As many businesses across the produce industry have learned, cyber insurance premiums are soaring, with some estimates of increases of 50% or more, according to infosec experts and vendors.
In 2020, the National Association of Insurance Commissioners (NAIC) reported a cybersecurity insurance market increase of 29.1% over the previous year, highlighting the growing risk of cyberattacks.
Payouts are costly, which is driving a significant climb in premiums and, in some cases, all-out rejections from coverage. Here, we explore five trends around cyber insurance to watch.
Premiums are getting more expensive.
As with the difficulty of buying fire protection in states like California, where wildfires have been prevalent the last few years, cyber insurance is now more expensive because of the uptick in claims.
Between 2016 and 2020, the average cost to the insurer for a cyber incident for small and medium business (SMBs) is $145,000, according to NetDiligence’s Cyber Claims Study 2021 Report. For larger companies, that increases to $10 million. More claims mean steeper costs. Q4 2021 saw increases of up to 89%.
Insurers are putting more emphasis on risk management.
2020 was a tipping point as claims boomed. As a result of the almost instantaneous work-from-home shift, risk increased exponentially.
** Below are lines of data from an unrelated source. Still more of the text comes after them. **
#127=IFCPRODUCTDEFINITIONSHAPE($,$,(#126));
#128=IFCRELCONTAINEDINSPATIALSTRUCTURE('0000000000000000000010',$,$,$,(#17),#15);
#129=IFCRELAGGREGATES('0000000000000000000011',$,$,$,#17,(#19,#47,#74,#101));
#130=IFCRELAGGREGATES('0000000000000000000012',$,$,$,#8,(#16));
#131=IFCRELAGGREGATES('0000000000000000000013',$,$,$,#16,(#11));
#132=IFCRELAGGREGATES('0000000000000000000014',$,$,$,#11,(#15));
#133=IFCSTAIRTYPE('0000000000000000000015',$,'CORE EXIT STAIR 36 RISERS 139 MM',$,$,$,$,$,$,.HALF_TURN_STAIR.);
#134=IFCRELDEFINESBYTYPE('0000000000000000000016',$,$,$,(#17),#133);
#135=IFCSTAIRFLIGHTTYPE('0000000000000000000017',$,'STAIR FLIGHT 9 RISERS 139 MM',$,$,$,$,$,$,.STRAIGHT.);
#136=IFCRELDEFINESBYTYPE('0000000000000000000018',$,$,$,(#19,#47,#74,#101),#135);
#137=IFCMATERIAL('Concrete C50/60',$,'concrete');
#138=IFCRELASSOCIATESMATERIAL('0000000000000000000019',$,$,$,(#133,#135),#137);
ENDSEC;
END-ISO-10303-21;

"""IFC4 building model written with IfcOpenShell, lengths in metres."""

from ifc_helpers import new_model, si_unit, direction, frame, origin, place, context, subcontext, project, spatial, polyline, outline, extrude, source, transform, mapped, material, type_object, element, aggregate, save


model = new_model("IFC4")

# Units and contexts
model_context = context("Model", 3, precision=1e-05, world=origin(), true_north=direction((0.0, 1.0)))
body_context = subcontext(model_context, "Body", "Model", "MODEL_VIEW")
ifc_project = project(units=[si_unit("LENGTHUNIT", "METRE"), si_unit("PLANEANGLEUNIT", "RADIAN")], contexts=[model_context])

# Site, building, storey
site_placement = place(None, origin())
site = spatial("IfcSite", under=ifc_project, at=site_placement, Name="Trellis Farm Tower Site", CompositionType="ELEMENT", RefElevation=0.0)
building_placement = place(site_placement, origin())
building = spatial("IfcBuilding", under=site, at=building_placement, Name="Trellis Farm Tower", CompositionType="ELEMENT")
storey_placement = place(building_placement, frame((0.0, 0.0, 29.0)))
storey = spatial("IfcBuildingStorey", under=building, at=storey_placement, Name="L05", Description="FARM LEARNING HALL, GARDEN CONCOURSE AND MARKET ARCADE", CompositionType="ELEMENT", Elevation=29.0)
Normally the shift is a journey where a business sets up protocols and best practices for protecting the organization remotely, but because of a lot of rushing and pivoting, the risk of cyber threats increases.
In response to this, carriers realize that they need to work with businesses that engage in cyber risk management, including things like:
• Enabling multi-factor authentication (MFA)
• Having backups available
• Creating an incident response plan
• Patching systems regularly
• Engaging in regular cybersecurity training for employees
This is also having a significant effect on renewals, with new risk management best practices that need to be met to qualify.
There’s an increasing focus on your weakest vendor.
While the common language in vendor agreements hasn’t adjusted for new cybersecurity risks, you may be liable for failures to protect data. Your business can take many approaches to solidifying its technology security, but when a vendor has access to critical business information and doesn’t follow the same stringent security protocols, you may still be at risk.
Cyber insurance policies are beginning to look at who has access to your network and how that information is protected, so it’s critical to know what your vendor’s true exposure is.
More options are available, such as captive insurance programs.
One trend emerging to help businesses gain cyber insurance coverage is leveraging a captive insurance program, which is a company used to insure a wide range of risks.
The pros? The ability to tailor coverage for hard-to-insure or emerging risks (cyberattacks included), flexibility for managing risk, ability to apply alternative strategies to deal with insurance market cycles, and more.
The cons? The starting cost for a captive can be prohibitive (and so can the exit), you may miss the benefits of a traditional insurance agency, and your own capital may be at risk.
Cybercriminals are getting smarter.
While there is a fair number of criminals that launch a multitude of attacks to try and gain access to your network, there are many that are becoming smarter at their scams.
For example, they may target a new front desk person by emailing them with a phishing attack under the guise of an onboarding training. As individuals, we must be aware of the world around us, follow proper procedures, and work to reduce the risk we pose to the organization through increasingly complex attacks.
There’s a need across multiple industries – including fresh produce and agriculture – to build good cyber resilience. You can have great protocols in place, but if your employees aren’t using best practices to thwart would-be attacks, it doesn’t matter.
The bottom line is: a cyber insurer’s requests are closely aligned with cybersecurity industry standards. Being proactive can help change the trajectory of your business and make you a better candidate for cyber insurance.